# how many have you made?



## peple of the perch (Sep 13, 2004)

I was looking at the fired up the airbrush section and realised that the baits that are posted is only a small fraction of their collection. I only have 3 which are fully made, compressors not working, but I have around 5 blanks that still need to be epoxied and painted. So lets hear it how many lures do you have in your collection?


----------



## bassinjody (Aug 25, 2005)

in two years i have made over sevnty five baits.heres a few.







.


----------



## eyesman_01 (Jan 4, 2007)

In the past year+ since I made my first bait, including the first bait, I have made 27.

Now, the question of the day is:

How many fish have you caught with your baits?

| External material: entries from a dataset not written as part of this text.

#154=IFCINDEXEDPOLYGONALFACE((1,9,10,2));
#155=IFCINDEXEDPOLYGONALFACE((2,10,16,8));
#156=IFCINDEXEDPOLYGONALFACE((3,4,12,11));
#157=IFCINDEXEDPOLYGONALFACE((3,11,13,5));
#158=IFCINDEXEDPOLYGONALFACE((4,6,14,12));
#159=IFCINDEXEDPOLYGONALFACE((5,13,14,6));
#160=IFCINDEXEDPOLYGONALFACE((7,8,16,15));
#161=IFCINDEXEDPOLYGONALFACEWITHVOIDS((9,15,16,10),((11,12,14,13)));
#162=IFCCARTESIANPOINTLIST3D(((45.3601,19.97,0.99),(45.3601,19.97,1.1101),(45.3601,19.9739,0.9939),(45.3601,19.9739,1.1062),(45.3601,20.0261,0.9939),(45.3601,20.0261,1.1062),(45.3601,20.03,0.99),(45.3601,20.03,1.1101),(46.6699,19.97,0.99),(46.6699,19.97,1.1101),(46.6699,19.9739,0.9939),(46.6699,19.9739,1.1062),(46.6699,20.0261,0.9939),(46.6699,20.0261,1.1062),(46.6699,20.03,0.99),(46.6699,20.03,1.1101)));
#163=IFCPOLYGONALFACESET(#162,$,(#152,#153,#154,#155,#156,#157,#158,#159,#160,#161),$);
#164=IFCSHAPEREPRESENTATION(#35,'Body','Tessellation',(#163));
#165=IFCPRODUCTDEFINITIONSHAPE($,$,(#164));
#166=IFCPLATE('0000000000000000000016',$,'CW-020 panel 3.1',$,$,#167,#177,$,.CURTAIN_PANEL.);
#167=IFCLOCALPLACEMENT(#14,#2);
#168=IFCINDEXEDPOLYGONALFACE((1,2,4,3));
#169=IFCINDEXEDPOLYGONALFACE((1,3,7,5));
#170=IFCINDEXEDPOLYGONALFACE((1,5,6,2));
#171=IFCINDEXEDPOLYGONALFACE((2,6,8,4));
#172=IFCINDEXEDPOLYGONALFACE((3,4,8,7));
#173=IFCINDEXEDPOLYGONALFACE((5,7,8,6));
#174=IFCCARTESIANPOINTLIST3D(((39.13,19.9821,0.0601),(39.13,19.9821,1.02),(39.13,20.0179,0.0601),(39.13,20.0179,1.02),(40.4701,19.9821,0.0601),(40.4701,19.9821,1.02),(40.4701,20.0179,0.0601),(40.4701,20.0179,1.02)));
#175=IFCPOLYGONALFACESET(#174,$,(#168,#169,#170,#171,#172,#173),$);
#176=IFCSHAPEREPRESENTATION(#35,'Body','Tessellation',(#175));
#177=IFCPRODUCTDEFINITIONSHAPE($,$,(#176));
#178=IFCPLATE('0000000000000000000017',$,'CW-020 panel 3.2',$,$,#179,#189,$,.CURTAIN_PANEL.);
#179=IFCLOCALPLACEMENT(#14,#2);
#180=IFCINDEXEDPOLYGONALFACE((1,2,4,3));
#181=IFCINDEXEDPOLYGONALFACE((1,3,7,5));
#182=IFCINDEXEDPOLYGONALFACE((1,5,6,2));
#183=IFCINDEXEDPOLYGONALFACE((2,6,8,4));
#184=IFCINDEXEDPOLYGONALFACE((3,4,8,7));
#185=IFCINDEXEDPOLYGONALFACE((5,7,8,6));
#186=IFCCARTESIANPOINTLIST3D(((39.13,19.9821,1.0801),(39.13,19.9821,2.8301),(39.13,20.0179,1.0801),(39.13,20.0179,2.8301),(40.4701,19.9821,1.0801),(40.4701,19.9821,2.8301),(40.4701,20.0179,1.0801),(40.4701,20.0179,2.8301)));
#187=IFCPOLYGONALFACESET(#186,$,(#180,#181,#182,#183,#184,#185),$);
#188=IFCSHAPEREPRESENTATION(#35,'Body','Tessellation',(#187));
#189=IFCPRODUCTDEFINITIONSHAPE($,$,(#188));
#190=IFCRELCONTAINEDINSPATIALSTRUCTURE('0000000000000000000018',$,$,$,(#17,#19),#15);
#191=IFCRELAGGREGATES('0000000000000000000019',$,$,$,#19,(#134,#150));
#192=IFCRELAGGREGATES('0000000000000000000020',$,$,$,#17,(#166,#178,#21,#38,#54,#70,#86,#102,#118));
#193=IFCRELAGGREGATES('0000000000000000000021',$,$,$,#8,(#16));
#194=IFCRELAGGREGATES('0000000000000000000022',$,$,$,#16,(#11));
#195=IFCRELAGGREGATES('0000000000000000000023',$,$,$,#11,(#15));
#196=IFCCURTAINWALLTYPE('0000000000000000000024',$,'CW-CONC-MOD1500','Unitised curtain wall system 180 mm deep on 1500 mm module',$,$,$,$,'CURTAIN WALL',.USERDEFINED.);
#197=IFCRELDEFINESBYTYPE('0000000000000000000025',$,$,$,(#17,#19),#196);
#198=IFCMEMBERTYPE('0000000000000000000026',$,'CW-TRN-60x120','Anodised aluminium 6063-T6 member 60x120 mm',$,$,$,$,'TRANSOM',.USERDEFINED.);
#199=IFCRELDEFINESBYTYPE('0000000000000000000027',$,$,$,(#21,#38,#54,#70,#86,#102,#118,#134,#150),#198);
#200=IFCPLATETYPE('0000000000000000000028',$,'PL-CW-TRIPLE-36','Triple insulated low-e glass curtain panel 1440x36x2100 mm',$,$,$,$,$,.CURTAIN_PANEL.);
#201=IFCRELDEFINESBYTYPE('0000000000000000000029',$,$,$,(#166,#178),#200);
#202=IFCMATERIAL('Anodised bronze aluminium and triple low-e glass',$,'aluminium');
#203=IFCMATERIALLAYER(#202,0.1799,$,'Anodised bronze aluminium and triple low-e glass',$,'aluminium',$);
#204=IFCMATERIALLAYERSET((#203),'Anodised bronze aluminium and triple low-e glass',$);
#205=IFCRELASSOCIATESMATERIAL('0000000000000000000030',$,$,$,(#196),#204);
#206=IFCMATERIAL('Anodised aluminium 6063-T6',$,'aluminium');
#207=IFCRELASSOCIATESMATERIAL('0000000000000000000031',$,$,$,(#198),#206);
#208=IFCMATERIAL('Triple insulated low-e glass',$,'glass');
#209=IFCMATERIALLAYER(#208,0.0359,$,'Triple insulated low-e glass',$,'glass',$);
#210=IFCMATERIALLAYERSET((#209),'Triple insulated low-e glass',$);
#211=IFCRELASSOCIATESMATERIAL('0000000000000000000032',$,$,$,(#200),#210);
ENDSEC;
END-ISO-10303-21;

So far, I've caught 1 with the first bait I made. Otherwise, I haven't been out enough to get the rest of them wet to find out.


----------



## dampeoples (Feb 8, 2008)

I don't know  I sell baits, so I could probably go look through receipts and find some, and I always have a 'no-pile' of things that wont' get sent out, at least until my buddies rob me, but I'd venture in the hundreds, and if you're talking just painting, thousands easy.

It's just so damn fun 

Except that I'm kinda burnt out on it now


----------



## triton175 (Feb 21, 2006)

I've been at it since February. I've shaped 18. Of those I have 12 working lures, one still in progress and ruined 5.
I've only been crappie fishing so far so I haven't caught any fish yet.
I did try 2 on a charter on Erie 2 weeks ago - no hits, but then nothing else got hit either.

Brian


----------